Financial results deteriorated during the period and it also closed stores in Richmond-upon-Thames and Notting Hill. In January 2023, Apax injected a further £60 million into the business to fund a turnaround. By the end of the year however, rumours of a sale emerged with Frasers Group, which also owns luxury super-boutique chain Flannels, emerging as the buyer paying a price that was a huge discount on that paid by Apax in 2017.

An announcement about the appointment of administrators could come as soon as tomorrow (8 March) with Frasers stating that the business had continued to miss its business plan targets and to make "material losses". "Whilst Matches' management team has tried to try to find a way to stabilise the business, it has become clear that too much change would be required to restructure it, and the continued funding requirements would be far in excess of amounts that the group considers to be viable. In light of this, Frasers has been informed that the directors of Matches have taken the decision to put the Matches group into administration. Frasers remains committed to the luxury market and its brand partners,” Frasers said.

The fall of Matches comes amid a global downturn in the luxury market, which has seen former high-flyer Farfetch scramble to secure a rescue deal, which led to its delisting from the New York Stock Exchange and the departure of its founder José Neves.

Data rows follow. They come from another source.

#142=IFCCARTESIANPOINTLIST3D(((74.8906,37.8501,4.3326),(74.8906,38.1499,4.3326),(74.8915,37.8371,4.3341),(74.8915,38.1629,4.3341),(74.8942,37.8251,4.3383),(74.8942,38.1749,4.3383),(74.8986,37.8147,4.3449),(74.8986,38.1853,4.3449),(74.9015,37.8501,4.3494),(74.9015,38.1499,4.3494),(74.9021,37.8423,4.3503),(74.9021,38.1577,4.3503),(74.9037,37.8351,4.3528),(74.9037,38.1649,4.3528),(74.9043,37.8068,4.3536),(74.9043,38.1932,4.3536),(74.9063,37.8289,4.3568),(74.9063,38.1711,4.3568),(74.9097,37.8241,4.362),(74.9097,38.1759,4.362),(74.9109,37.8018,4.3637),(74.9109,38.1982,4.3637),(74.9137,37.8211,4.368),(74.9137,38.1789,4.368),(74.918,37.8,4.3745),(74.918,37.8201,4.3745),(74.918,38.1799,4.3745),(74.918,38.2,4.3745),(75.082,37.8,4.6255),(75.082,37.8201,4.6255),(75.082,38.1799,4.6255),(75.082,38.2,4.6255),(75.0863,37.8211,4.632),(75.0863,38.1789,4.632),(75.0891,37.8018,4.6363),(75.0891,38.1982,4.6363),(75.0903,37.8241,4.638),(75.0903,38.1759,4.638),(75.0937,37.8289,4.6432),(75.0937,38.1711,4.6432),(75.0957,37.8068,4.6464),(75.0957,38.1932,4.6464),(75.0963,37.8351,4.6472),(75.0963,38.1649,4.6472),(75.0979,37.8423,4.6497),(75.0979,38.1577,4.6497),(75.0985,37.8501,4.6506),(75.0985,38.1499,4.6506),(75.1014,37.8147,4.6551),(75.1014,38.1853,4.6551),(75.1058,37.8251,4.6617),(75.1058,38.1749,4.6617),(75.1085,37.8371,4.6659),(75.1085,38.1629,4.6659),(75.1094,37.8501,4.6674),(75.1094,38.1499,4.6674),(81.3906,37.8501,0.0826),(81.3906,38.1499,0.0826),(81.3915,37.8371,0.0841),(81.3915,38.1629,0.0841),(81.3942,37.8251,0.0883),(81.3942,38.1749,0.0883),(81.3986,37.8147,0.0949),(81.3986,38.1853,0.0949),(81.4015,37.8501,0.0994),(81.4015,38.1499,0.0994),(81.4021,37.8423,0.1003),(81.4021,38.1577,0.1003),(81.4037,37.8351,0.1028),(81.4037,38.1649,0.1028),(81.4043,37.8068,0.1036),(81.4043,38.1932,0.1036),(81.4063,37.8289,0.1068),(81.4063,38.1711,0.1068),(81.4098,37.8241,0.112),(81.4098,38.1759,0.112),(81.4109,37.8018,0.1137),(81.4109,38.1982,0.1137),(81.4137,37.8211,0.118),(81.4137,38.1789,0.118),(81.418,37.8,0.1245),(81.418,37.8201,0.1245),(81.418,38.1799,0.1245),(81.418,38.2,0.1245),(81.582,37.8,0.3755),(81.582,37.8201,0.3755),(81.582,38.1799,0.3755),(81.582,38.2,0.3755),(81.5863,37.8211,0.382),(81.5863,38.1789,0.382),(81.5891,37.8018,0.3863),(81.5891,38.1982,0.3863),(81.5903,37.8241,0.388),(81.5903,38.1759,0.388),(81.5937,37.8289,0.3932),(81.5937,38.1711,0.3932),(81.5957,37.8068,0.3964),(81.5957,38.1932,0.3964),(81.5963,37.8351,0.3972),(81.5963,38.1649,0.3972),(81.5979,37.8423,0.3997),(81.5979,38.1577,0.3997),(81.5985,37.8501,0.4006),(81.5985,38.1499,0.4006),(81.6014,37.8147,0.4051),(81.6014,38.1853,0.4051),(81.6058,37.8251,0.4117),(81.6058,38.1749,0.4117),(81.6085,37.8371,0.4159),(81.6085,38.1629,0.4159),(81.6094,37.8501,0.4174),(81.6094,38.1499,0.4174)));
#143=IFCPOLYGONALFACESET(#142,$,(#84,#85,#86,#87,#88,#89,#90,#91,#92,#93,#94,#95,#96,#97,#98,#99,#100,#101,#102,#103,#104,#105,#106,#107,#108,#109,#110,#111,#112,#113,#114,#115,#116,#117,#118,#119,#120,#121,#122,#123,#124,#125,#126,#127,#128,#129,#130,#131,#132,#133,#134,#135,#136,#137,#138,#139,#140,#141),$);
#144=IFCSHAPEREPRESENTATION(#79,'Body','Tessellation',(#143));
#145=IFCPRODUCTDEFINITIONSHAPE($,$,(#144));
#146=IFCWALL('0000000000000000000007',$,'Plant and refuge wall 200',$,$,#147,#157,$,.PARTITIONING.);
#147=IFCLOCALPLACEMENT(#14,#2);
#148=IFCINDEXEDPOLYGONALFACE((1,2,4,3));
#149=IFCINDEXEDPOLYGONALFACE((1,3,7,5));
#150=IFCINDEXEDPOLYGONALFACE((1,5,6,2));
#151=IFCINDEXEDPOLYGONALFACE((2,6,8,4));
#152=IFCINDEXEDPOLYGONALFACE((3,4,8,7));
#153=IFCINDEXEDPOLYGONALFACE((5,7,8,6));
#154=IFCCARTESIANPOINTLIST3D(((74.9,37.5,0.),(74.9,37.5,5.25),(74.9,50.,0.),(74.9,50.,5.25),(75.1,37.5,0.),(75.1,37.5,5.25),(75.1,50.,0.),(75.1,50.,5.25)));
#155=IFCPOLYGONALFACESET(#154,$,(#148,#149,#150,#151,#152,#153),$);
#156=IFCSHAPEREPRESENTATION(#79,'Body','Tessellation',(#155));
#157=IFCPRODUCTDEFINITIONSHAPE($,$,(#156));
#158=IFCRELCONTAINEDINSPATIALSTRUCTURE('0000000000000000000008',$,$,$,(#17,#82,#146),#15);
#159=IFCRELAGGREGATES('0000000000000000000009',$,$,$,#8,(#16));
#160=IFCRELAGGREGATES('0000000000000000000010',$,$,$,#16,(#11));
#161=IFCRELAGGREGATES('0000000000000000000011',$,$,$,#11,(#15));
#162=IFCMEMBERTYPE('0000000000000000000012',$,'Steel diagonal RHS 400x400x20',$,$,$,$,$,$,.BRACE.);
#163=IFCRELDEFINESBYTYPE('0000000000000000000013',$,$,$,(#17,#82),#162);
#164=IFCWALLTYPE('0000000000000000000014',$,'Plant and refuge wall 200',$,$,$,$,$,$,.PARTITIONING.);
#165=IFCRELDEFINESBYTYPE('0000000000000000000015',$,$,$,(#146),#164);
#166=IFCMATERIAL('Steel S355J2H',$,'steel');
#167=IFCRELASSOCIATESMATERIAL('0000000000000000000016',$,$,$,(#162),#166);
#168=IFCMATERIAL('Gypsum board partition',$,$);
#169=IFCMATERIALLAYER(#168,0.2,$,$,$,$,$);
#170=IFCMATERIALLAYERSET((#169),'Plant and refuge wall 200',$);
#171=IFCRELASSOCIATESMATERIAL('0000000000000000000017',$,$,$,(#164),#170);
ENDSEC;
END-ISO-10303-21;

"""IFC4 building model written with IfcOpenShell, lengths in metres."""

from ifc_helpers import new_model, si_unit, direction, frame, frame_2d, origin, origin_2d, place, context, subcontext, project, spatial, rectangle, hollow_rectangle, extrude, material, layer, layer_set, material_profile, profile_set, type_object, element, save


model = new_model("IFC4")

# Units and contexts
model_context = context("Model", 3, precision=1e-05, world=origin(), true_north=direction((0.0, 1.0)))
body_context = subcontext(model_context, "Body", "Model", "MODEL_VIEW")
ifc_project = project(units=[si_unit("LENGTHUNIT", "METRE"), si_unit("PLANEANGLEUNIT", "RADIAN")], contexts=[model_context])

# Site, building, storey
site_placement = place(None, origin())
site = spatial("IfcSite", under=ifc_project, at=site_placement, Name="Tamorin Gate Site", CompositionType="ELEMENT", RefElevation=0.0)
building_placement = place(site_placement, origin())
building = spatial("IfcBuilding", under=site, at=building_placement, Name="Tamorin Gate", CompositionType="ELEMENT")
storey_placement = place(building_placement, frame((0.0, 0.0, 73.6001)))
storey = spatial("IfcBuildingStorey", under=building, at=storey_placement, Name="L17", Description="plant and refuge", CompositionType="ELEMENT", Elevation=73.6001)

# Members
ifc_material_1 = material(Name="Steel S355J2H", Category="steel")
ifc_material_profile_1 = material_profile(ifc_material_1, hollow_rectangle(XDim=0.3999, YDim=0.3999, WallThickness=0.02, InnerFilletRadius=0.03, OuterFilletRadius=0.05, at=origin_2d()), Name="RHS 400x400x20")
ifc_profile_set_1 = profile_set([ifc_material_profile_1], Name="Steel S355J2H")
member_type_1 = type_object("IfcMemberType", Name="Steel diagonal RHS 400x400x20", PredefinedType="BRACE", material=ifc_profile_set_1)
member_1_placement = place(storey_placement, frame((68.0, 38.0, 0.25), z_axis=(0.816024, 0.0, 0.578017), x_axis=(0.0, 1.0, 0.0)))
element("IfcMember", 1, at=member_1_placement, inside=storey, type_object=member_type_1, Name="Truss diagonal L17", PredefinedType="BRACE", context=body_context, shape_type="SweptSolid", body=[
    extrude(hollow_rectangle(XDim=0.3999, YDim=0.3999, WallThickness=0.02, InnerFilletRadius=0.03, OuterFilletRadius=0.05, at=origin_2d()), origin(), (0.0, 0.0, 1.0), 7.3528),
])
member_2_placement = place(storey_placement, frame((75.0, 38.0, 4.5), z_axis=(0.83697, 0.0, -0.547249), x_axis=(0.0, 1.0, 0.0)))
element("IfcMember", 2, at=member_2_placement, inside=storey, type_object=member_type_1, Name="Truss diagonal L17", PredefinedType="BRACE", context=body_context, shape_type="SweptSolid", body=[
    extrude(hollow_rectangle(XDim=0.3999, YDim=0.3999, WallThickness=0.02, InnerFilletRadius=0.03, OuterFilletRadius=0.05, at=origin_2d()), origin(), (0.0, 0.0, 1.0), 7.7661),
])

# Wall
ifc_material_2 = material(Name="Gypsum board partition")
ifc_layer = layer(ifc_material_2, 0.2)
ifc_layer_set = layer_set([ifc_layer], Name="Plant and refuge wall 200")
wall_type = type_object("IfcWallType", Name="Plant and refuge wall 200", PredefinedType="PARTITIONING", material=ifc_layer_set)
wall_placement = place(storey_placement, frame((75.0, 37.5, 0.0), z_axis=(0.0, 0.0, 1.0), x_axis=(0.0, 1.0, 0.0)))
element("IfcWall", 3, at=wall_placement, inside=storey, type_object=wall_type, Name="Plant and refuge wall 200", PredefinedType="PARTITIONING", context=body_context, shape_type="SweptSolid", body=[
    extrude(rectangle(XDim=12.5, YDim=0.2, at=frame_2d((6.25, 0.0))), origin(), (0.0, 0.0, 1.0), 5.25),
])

Korean retail giant Coupang acquired Farfetch, the global luxury fashion marketplace, in a deal, finalised in January, which secured $500 million of emergency funding. That deal places in doubt the future of another iconic British fashion boutique, Browns.

Browns, initially founded on South Molton Street in London and now based on nearby Brook Street, had been acquired by Farfetch in 2015. It is understood that Coupang wishes to spin it off, along with brand house New Guards Group which Farfetch bought in 2019, in order to refocus Farfetch on its initial marketplace proposition.